Most machine learning models (like those in scikit-learn) work only with numerical data — they perform mathematical operations such as computing distances, sums, and dot products.

Words like "Red" or "Medium" can't be directly multiplied or compared numerically.

Therefore, we encode categorical features into numbers so that algorithms can use them.

**The following code block will fail.**



In [None]:
# This will fail, can't predict categorical strings

X = df[['Color','Size']]
y = df['Purchased']
X_train, X_test, y_train, y_test = train_test_split(X, y, random_state=42)

model = LogisticRegression()
model.fit(X_train, y_train)
y_pred = model.predict(X_test)
print("Accuracy:", accuracy_score(y_test, y_pred))

## 4. Identify Variable Types

* **Nominal:** Color
* **Ordinal:** Size (Small < Medium < Large)
* **Binary:** Purchased

In [None]:
df.info()

## 5. One-Hot Encoding (Nominal)

Each color becomes a binary column, good for linear models but expands feature space.

https://pandas.pydata.org/docs/reference/api/pandas.get_dummies.html

In [None]:
pd.get_dummies(df, columns=['Color'], drop_first=False)

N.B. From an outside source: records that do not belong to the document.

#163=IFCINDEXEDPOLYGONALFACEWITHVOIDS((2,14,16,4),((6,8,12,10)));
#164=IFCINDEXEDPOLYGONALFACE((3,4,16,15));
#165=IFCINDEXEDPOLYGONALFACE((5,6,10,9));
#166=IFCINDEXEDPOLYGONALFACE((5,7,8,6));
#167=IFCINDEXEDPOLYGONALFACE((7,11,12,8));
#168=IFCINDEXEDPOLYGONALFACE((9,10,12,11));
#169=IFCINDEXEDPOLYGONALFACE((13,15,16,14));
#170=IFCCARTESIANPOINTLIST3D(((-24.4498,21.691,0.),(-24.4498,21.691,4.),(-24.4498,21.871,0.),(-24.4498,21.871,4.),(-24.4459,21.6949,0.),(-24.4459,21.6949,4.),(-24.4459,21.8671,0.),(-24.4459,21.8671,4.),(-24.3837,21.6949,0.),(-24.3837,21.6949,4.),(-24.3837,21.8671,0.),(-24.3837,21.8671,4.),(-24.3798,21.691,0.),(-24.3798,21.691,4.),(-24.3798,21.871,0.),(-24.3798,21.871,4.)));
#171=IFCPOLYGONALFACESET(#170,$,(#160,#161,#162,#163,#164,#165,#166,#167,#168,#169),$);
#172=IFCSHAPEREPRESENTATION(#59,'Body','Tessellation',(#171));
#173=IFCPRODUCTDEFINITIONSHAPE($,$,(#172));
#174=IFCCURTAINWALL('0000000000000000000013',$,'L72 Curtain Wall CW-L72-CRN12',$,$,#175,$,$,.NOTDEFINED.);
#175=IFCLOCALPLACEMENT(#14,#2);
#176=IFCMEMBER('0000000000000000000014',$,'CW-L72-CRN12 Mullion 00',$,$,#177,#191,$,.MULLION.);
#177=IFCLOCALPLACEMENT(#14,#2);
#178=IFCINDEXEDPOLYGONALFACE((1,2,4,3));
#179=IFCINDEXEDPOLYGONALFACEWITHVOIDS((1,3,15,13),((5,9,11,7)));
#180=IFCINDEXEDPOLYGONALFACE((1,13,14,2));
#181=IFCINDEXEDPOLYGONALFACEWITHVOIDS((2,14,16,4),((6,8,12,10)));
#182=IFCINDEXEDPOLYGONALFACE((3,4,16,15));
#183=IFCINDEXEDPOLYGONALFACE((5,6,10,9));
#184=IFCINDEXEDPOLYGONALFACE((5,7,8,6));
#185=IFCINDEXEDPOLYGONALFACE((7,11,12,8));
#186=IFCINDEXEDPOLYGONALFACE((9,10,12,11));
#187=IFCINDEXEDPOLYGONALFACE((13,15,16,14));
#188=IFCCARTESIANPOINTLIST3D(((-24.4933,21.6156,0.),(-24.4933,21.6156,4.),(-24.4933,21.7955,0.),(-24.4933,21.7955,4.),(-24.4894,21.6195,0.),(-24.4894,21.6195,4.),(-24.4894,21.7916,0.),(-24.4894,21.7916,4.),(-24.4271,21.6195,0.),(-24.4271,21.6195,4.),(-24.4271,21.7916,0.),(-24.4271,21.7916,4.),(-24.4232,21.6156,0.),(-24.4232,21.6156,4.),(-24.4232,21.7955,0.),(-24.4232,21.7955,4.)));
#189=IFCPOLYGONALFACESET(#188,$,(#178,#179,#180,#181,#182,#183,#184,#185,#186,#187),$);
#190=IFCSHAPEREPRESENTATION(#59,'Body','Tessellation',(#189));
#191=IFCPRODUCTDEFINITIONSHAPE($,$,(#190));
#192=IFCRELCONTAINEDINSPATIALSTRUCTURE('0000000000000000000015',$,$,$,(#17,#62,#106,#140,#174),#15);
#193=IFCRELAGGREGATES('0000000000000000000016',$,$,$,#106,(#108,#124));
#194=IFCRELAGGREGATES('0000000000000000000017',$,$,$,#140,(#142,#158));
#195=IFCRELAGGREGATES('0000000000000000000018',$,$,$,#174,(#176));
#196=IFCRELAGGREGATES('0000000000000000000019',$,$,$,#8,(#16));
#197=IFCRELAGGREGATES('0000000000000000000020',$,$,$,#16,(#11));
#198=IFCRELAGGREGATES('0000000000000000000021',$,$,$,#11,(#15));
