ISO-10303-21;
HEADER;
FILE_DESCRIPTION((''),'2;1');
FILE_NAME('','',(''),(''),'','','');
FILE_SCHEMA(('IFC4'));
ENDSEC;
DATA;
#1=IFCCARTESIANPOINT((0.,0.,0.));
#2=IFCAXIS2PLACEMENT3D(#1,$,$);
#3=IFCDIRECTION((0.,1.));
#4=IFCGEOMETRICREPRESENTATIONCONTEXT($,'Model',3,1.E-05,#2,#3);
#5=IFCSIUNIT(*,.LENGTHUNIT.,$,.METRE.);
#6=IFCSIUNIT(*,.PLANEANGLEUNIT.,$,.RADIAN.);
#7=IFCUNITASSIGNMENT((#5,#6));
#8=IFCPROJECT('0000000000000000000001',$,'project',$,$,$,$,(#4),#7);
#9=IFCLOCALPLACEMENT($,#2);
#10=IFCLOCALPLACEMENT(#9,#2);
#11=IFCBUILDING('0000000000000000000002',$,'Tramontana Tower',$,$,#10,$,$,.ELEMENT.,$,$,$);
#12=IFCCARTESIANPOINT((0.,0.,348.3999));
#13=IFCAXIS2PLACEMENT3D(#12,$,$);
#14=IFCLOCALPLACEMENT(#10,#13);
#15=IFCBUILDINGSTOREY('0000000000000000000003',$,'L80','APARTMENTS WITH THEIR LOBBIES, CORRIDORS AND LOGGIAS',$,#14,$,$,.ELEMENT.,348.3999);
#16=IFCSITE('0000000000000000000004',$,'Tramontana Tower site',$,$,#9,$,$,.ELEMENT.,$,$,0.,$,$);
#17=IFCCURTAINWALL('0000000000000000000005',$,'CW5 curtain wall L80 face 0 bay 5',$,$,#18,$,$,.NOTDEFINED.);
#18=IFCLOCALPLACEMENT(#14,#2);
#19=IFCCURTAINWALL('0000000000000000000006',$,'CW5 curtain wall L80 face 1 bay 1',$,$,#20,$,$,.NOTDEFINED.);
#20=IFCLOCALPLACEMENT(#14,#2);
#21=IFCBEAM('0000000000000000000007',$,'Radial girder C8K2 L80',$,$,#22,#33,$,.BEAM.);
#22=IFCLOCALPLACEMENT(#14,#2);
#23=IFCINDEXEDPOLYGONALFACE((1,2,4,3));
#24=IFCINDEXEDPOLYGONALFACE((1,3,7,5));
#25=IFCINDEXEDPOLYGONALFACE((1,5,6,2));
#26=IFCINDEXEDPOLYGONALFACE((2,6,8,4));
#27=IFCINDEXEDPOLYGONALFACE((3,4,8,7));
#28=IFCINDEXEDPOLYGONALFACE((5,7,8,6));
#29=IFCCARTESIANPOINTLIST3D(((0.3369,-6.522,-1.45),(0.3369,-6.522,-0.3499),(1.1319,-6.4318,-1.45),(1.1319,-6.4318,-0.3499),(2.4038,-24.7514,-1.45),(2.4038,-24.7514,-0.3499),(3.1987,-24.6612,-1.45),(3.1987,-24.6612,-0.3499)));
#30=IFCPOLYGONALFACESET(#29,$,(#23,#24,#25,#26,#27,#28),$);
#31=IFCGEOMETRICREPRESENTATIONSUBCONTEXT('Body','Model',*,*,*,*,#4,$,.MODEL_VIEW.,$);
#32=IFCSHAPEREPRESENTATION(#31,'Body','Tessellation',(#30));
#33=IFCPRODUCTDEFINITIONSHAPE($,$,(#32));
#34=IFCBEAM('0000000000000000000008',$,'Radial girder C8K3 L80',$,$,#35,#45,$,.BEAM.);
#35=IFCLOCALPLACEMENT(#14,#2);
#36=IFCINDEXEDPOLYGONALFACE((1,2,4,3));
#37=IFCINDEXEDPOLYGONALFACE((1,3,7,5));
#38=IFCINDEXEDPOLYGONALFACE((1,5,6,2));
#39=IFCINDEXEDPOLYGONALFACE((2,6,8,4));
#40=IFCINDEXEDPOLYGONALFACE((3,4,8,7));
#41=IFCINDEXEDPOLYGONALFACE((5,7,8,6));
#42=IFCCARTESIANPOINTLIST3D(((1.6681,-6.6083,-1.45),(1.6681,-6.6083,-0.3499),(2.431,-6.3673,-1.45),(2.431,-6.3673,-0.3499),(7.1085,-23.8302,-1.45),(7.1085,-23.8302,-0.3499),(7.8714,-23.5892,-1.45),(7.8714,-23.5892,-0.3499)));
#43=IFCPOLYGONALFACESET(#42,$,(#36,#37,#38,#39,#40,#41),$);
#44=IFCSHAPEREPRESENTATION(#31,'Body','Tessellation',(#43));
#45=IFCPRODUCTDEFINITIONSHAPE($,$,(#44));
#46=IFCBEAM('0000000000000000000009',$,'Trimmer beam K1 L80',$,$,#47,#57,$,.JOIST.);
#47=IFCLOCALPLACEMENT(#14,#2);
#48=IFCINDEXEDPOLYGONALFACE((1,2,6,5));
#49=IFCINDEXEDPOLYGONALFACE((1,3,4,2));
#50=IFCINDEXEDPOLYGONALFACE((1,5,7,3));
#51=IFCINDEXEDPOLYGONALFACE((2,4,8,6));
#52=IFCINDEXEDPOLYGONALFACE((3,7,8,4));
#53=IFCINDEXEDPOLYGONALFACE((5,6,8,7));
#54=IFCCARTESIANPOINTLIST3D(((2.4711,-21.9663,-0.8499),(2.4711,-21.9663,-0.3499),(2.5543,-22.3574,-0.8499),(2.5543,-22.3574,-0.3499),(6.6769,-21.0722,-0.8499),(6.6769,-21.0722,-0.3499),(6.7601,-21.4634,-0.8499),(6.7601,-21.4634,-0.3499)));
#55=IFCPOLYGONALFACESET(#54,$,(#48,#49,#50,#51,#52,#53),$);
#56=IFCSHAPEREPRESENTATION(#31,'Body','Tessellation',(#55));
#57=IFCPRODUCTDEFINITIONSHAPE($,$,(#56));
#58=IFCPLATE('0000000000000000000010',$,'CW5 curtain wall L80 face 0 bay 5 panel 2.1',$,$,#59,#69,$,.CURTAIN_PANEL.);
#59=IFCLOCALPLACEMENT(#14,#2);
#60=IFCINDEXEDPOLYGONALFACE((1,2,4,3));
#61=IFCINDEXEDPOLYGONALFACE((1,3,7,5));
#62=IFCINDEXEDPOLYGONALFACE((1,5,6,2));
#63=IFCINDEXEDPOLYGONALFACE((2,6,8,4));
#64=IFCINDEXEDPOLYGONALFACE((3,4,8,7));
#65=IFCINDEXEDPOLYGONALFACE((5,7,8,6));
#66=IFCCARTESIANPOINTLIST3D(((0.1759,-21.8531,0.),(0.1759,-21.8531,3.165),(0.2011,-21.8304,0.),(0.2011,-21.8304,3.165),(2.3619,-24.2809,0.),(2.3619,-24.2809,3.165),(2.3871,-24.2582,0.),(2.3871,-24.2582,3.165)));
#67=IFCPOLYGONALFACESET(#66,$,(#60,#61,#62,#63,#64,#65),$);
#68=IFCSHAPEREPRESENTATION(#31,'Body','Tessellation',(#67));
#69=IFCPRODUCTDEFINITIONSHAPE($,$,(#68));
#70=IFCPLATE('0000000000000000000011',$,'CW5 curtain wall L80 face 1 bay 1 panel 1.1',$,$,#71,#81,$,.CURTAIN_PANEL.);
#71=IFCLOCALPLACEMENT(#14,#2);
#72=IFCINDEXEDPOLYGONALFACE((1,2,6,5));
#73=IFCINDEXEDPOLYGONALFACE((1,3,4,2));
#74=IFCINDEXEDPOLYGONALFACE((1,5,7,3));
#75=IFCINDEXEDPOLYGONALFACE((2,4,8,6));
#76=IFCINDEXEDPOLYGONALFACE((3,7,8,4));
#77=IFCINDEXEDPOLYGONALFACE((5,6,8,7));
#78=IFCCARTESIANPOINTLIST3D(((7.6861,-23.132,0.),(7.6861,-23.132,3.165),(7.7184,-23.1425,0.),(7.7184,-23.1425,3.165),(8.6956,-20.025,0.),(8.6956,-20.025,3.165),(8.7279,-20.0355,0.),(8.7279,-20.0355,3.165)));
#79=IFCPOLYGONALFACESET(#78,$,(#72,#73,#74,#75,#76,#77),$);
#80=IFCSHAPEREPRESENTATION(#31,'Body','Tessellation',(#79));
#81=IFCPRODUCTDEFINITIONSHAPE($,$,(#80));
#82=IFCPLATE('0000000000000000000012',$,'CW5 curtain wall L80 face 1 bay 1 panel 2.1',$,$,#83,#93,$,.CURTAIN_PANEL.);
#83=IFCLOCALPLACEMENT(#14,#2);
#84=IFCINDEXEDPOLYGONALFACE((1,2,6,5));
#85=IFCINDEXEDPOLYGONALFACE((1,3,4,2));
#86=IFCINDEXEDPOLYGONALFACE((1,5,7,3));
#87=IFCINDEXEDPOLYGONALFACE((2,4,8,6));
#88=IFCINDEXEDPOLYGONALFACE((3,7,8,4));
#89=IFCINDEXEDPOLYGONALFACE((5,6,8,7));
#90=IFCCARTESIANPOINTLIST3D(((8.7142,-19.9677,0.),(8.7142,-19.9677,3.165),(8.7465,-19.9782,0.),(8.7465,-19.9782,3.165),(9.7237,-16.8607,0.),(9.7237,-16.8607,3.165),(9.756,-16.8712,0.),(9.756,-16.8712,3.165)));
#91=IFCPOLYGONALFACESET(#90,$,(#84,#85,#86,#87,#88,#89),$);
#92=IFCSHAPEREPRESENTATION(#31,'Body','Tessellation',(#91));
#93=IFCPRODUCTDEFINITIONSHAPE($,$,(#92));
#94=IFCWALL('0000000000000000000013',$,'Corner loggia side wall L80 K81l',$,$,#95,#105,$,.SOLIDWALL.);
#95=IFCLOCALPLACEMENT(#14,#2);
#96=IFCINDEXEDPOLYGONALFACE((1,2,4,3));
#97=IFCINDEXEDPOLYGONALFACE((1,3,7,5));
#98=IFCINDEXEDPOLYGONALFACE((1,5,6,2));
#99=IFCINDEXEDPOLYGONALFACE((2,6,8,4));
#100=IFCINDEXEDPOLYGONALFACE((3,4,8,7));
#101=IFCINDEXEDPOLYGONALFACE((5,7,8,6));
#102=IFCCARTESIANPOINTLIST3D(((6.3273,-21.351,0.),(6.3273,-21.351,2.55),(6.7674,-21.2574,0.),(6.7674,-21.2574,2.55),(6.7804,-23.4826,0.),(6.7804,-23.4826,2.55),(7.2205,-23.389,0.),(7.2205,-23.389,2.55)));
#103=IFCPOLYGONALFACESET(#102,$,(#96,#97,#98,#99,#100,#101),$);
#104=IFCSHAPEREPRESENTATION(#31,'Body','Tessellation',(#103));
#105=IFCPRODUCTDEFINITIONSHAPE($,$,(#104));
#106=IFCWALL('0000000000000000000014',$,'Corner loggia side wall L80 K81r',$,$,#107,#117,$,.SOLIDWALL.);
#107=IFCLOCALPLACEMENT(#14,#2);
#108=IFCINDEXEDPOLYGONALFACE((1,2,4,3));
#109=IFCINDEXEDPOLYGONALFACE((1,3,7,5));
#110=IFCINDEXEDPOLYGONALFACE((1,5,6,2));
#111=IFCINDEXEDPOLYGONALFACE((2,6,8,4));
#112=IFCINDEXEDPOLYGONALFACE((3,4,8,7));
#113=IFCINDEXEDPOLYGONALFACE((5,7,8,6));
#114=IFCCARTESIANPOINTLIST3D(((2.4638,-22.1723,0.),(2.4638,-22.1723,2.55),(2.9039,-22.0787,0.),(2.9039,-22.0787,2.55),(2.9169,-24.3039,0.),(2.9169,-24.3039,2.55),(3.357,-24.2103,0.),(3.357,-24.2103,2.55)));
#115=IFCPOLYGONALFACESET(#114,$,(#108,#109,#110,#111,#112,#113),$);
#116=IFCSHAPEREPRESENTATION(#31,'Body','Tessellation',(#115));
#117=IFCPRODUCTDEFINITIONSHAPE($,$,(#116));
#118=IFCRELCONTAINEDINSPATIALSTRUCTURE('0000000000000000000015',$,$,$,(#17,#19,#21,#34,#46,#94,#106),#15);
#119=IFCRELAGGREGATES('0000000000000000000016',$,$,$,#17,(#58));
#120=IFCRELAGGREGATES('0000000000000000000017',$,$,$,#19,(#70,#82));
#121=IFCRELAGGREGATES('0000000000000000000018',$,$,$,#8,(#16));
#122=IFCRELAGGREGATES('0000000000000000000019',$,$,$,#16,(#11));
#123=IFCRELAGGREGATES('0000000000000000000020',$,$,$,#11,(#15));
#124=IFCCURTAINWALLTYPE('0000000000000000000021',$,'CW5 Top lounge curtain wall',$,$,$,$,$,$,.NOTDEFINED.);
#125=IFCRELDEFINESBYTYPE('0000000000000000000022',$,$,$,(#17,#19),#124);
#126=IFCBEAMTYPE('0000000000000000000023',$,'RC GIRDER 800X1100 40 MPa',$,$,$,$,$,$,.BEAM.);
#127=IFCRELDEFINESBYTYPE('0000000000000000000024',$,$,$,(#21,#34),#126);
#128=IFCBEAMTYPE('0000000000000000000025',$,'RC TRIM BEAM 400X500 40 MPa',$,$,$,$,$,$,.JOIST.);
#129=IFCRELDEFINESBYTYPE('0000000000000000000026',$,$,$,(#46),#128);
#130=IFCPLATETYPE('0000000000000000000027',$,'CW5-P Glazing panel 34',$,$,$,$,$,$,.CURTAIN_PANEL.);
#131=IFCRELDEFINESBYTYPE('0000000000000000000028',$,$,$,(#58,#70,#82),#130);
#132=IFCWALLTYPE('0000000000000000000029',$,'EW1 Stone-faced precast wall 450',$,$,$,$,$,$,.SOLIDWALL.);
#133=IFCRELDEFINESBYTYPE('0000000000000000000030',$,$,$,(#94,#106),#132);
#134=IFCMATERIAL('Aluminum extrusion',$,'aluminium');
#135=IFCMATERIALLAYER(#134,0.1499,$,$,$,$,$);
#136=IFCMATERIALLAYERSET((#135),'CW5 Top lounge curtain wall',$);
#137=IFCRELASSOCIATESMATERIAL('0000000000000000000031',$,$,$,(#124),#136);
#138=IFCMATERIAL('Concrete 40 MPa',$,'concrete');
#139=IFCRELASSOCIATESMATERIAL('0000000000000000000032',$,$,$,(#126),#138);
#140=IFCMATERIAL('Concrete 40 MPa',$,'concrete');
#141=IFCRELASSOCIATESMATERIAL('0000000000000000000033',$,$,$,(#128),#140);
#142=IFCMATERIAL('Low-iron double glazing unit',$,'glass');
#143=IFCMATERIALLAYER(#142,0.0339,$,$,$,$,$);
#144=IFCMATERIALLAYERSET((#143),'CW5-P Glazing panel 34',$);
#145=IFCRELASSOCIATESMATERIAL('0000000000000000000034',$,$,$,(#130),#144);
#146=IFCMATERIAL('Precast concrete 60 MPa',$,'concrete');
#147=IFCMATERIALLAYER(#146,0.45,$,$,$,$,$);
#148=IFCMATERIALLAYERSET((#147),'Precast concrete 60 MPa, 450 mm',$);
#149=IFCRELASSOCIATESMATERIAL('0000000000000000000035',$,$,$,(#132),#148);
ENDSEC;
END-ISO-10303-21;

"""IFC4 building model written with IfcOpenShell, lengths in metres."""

from ifc_helpers import new_model, si_unit, direction, frame, frame_2d, origin, origin_2d, place, context, subcontext, project, spatial, rectangle, extrude, material, layer, layer_set, material_profile, profile_set, type_object, element, aggregate, save


model = new_model("IFC4")

# Units and contexts
model_context = context("Model", 3, precision=1e-05, world=origin(), true_north=direction((0.0, 1.0)))
body_context = subcontext(model_context, "Body", "Model", "MODEL_VIEW")
ifc_project = project(units=[si_unit("LENGTHUNIT", "METRE"), si_unit("PLANEANGLEUNIT", "RADIAN")], contexts=[model_context])

# Site, building, storey
site_placement = place(None, origin())
site = spatial("IfcSite", under=ifc_project, at=site_placement, Name="Tramontana Tower site", CompositionType="ELEMENT", RefElevation=0.0)
building_placement = place(site_placement, origin())
building = spatial("IfcBuilding", under=site, at=building_placement, Name="Tramontana Tower", CompositionType="ELEMENT")
storey_placement = place(building_placement, frame((0.0, 0.0, 348.3999)))
storey = spatial("IfcBuildingStorey", under=building, at=storey_placement, Name="L80", Description="APARTMENTS WITH THEIR LOBBIES, CORRIDORS AND LOGGIAS", CompositionType="ELEMENT", Elevation=348.3999)

# Curtain wall
ifc_material_1 = material(Name="Aluminum extrusion", Category="aluminium")
ifc_layer_1 = layer(ifc_material_1, 0.1499)
ifc_layer_set_1 = layer_set([ifc_layer_1], Name="CW5 Top lounge curtain wall")
curtain_wall_type = type_object("IfcCurtainWallType", Name="CW5 Top lounge curtain wall", PredefinedType="NOTDEFINED", material=ifc_layer_set_1)
curtain_wall_1_placement = place(storey_placement, origin())
curtain_wall_1 = element("IfcCurtainWall", 1, at=curtain_wall_1_placement, inside=storey, type_object=curtain_wall_type, Name="CW5 curtain wall L80 face 0 bay 5", PredefinedType="NOTDEFINED")

# Curtain wall
curtain_wall_2_placement = place(storey_placement, origin())
curtain_wall_2 = element("IfcCurtainWall", 2, at=curtain_wall_2_placement, inside=storey, type_object=curtain_wall_type, Name="CW5 curtain wall L80 face 1 bay 1", PredefinedType="NOTDEFINED")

## 6. Ordinal Encoding (Ordered)
Keeps order; ideal for tree models or ordinal data.

In [None]:
size_order = [['Small','Medium','Large']]
ord_enc = OrdinalEncoder(categories=size_order)
df['Size_encoded'] = ord_enc.fit_transform(df[['Size']])
df

## 7. Label Encoding (Binary/Target)
Converts Yes/No to 1/0 — compact representation.

In [None]:
le = LabelEncoder()
df['Purchased_encoded'] = le.fit_transform(df['Purchased'])
df

## 8. Compare Impact on Model

Quick logistic regression demo to show encoding influence:

In [None]:
X = pd.get_dummies(df[['Color','Size_encoded']], drop_first=True)
y = df['Purchased_encoded']
X_train, X_test, y_train, y_test = train_test_split(X, y, random_state=42)

model = LogisticRegression()
model.fit(X_train, y_train)
y_pred = model.predict(X_test)
print("Accuracy:", accuracy_score(y_test, y_pred))

## 9. Key Takeaways

* Choose encoding based on variable type and model type.
* One-hot: best for nominal & linear models.
* Ordinal: best for ordered categories.
* Label: for binary or tree models.
* Always plan for unseen categories in production.